James Gunn flies his freak flag higher than ever and John Cena shows us just how layered an actor he can be in the ridiculously entertaining new live-action DC series Peacemaker.

While technically a spin-off of Gunn’s 2021 film The Suicide Squad, Peacemaker pretty much functions as a sequel to that unconventional blockbuster.

It picks up right after the events of that movie (the first episode even opens with a “Previously in The Suicide Squad” recap), and is obviously centered around John Cena’s titular peace-and-violence-loving blowhard, but also features TSS characters Harcourt (Jennifer Holland) and Economos (Steve Agee), and to a smaller extent, government superhero honcho Amanda Waller (Viola Davis).

We rejoin Peacemaker (real name: Christopher Smith) in the hospital where he has made a full recovery after [Spoiler warning for The Suicide Squad] seemingly being killed by Idris Elba’s Bloodsport for betraying the rest of the Squad for Waller. The post-credits sequence in The Suicide Squad revealed that efforts were being made to revive Peacemaker, and now that he’s all better, Waller is putting him back out on the street as a black ops asset, with Harcourt and Economos functioning as his handlers alongside the mysterious Clemson Murn (Chukwudi Iwuji), and rookie Leota (Danielle Brooks).

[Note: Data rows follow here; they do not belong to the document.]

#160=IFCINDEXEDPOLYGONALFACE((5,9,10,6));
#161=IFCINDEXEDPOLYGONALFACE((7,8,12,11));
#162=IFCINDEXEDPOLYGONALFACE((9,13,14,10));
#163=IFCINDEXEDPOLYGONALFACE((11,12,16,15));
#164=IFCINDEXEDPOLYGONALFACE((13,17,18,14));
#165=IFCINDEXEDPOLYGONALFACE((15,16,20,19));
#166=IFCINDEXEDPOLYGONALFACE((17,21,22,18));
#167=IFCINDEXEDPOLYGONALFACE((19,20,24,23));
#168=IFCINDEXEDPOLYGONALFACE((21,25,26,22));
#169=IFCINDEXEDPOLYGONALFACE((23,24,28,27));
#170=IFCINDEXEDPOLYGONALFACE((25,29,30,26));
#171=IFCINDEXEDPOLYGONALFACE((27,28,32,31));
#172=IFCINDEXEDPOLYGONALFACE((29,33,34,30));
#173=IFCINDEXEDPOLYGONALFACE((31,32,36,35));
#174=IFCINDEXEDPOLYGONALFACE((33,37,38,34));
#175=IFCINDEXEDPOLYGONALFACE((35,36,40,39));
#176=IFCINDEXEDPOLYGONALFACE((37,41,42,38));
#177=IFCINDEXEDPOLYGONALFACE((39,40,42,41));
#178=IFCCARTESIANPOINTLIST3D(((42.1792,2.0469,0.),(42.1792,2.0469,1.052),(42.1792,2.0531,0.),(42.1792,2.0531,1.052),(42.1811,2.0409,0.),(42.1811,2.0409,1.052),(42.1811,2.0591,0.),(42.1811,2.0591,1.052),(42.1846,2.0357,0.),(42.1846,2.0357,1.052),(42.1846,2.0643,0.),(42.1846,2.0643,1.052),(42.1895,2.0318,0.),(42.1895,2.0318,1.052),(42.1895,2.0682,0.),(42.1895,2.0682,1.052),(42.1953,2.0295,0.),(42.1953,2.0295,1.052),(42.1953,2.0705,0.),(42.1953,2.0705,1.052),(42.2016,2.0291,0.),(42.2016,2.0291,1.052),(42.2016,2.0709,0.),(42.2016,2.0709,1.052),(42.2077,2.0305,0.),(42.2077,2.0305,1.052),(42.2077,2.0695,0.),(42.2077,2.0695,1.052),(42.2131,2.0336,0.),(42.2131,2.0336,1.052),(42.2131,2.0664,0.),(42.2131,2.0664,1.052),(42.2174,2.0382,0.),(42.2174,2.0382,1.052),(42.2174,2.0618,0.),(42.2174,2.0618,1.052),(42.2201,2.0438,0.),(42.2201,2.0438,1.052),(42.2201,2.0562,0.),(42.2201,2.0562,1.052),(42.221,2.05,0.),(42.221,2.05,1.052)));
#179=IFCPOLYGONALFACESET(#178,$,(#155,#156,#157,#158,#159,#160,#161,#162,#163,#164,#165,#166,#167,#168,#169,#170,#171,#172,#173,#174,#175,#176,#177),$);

Also featuring prominently in the series are Smith’s repugnant father Auggie (Robert Patrick, somehow bringing something fresh to his performance despite decades of playing these kinds of toxic patriarchs) and fellow “superhero” Vigilante, aka Adrian Chase, played mostly under a Snake Eyes-esque full head mask with admirable physicality by British actor Freddie Stroma, who conveys a surprising degree of character without being able to use his face. And then there’s Smith’s pet eagle, Eagly, who must be experienced to be appreciated.

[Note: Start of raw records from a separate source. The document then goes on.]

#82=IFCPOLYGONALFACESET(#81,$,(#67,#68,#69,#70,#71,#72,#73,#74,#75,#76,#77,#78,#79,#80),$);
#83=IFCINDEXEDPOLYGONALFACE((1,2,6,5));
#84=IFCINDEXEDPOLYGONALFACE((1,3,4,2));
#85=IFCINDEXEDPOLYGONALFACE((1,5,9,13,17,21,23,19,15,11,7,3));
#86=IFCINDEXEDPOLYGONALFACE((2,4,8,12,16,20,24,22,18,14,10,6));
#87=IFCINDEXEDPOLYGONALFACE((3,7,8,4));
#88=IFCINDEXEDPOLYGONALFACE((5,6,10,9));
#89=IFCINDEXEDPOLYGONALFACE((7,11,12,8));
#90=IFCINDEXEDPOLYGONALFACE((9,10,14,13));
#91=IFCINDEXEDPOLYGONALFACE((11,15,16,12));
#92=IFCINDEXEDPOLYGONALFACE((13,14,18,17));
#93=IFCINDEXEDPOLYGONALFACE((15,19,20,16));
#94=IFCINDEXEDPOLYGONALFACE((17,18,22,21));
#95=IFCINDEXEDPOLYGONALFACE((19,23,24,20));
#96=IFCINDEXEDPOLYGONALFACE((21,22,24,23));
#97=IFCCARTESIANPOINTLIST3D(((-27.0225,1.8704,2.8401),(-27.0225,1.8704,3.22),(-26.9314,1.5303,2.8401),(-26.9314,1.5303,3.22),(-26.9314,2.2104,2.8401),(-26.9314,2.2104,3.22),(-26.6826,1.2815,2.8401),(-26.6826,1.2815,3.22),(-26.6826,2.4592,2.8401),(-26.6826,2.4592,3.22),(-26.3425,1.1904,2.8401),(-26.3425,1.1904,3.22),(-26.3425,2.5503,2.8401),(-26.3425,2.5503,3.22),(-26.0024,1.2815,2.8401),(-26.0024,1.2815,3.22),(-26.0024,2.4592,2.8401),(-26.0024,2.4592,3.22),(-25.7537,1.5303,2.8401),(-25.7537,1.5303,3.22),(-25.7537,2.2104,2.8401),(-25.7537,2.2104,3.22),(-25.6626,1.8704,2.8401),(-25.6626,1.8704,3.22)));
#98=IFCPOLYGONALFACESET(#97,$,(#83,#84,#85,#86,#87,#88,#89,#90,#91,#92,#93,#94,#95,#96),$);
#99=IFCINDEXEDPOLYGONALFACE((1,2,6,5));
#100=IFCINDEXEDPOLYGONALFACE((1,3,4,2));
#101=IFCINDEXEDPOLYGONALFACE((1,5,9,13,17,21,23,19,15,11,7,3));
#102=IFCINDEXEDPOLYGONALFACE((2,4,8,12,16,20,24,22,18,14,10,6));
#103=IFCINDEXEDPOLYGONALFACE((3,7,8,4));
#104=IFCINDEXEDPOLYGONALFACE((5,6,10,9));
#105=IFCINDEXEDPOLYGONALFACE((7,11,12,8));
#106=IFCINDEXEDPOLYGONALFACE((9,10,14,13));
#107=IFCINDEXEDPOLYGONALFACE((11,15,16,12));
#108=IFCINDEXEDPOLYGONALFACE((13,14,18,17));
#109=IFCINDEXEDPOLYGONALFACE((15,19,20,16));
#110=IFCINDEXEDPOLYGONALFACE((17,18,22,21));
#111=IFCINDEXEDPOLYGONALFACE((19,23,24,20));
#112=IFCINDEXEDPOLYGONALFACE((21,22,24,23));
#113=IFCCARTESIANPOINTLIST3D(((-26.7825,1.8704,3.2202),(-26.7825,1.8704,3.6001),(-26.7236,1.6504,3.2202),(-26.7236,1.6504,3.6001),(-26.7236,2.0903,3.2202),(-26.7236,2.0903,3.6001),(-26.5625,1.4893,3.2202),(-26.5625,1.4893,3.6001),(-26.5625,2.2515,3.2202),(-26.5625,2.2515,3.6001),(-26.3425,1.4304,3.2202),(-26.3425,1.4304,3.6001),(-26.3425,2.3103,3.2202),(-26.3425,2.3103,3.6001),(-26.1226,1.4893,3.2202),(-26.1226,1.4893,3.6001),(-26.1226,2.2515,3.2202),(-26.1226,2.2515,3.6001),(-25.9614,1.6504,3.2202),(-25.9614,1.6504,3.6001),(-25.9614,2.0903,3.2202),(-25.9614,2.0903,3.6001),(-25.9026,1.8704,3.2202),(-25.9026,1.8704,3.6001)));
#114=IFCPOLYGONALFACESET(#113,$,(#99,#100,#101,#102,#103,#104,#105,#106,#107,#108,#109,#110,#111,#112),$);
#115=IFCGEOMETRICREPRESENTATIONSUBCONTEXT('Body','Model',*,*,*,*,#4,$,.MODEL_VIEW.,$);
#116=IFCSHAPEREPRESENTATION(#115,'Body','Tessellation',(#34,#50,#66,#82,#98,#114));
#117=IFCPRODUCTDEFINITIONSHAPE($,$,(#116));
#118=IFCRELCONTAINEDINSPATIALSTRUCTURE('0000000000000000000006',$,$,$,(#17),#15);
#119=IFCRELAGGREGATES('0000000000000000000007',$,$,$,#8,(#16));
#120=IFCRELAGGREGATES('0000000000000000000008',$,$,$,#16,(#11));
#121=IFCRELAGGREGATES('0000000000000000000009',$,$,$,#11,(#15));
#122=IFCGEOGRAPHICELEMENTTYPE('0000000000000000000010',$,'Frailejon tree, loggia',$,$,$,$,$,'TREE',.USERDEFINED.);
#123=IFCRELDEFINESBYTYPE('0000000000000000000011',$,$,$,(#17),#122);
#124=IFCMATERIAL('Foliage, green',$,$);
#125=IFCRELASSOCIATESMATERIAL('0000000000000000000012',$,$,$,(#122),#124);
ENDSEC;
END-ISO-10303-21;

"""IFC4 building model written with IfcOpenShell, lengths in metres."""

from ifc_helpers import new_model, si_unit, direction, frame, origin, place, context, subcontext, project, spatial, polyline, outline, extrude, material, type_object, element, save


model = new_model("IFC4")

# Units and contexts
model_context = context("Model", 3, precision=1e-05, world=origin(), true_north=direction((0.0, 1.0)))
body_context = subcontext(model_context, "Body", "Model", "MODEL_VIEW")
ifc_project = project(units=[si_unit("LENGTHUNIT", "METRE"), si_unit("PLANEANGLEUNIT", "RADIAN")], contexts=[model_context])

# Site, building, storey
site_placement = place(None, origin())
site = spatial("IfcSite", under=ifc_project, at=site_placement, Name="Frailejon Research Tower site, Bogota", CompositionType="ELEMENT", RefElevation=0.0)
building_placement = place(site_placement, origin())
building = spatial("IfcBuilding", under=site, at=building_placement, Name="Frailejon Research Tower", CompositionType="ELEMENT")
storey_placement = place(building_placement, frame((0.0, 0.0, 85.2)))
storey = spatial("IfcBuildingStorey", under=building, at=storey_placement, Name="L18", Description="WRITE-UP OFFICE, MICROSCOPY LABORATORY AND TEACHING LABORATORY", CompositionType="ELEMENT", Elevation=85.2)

When James Gunn wrote and directed 2014’s smash hit Guardians of the Galaxy, he infused into it so much of his singular personality—previously evident in smaller films like Slither and Super—that it felt like Gunn had finally been let off the chain to do whatever his movie-loving heart desired. The sequel was also nice.

Then, when The Suicide Squad came out, it was such a crazy gonzo effort that it felt like Gunn had really been let off the chain. Well, Peacemaker takes it even further. Now Gunn has really, really been let off the chain. And it’s a serious hoot to behold.

Gunn’s specialty is undermining superhero storytelling tropes, then unironically embracing them a moment later, and there’s plenty of that sort of thing in Peacemaker, which is at its core a pretty heartfelt character study. With swearing, violence and sex. More than in The Suicide Squad. Like I said, Gunn is really, really off the chain here.

John Cena’s performance here is something quite lovely. After starting out as a bland action beefcake, Cena became more interesting as an actor when he began to embrace his sillier side. He didn’t get to do any of that in F9, but Gunn had him generating most of the laughs in TSS, and again, he takes it even further here.

There’s a sadness to Christopher Smith that makes Peacemaker an unexpectedly affecting series. The road back from his more outwardly villainous acts in TSS provides a redemptive arc that is very easy to get on board with. By any superhero standards, this guy is a loser. And James Gunn loves losers.

Peacemaker is constantly over-explaining to random people that he actually is a superhero. It never gets old. When someone remarks “Oh you’re that racist superhero,” Smith proclaims that he kills white people too, and resolves to have Caucasians make up a higher percentage of his victims.

During another such scene, Smith gets so flustered by someone going on about how great Aquaman is, he implies that the DC hero has Troy McClure-esque tendencies. There’s a lot of this sort of throwaway DC humour, and Gunn is fantastic at it. Trust him to provide the DECU’s first canonical mention of Bat-Mite.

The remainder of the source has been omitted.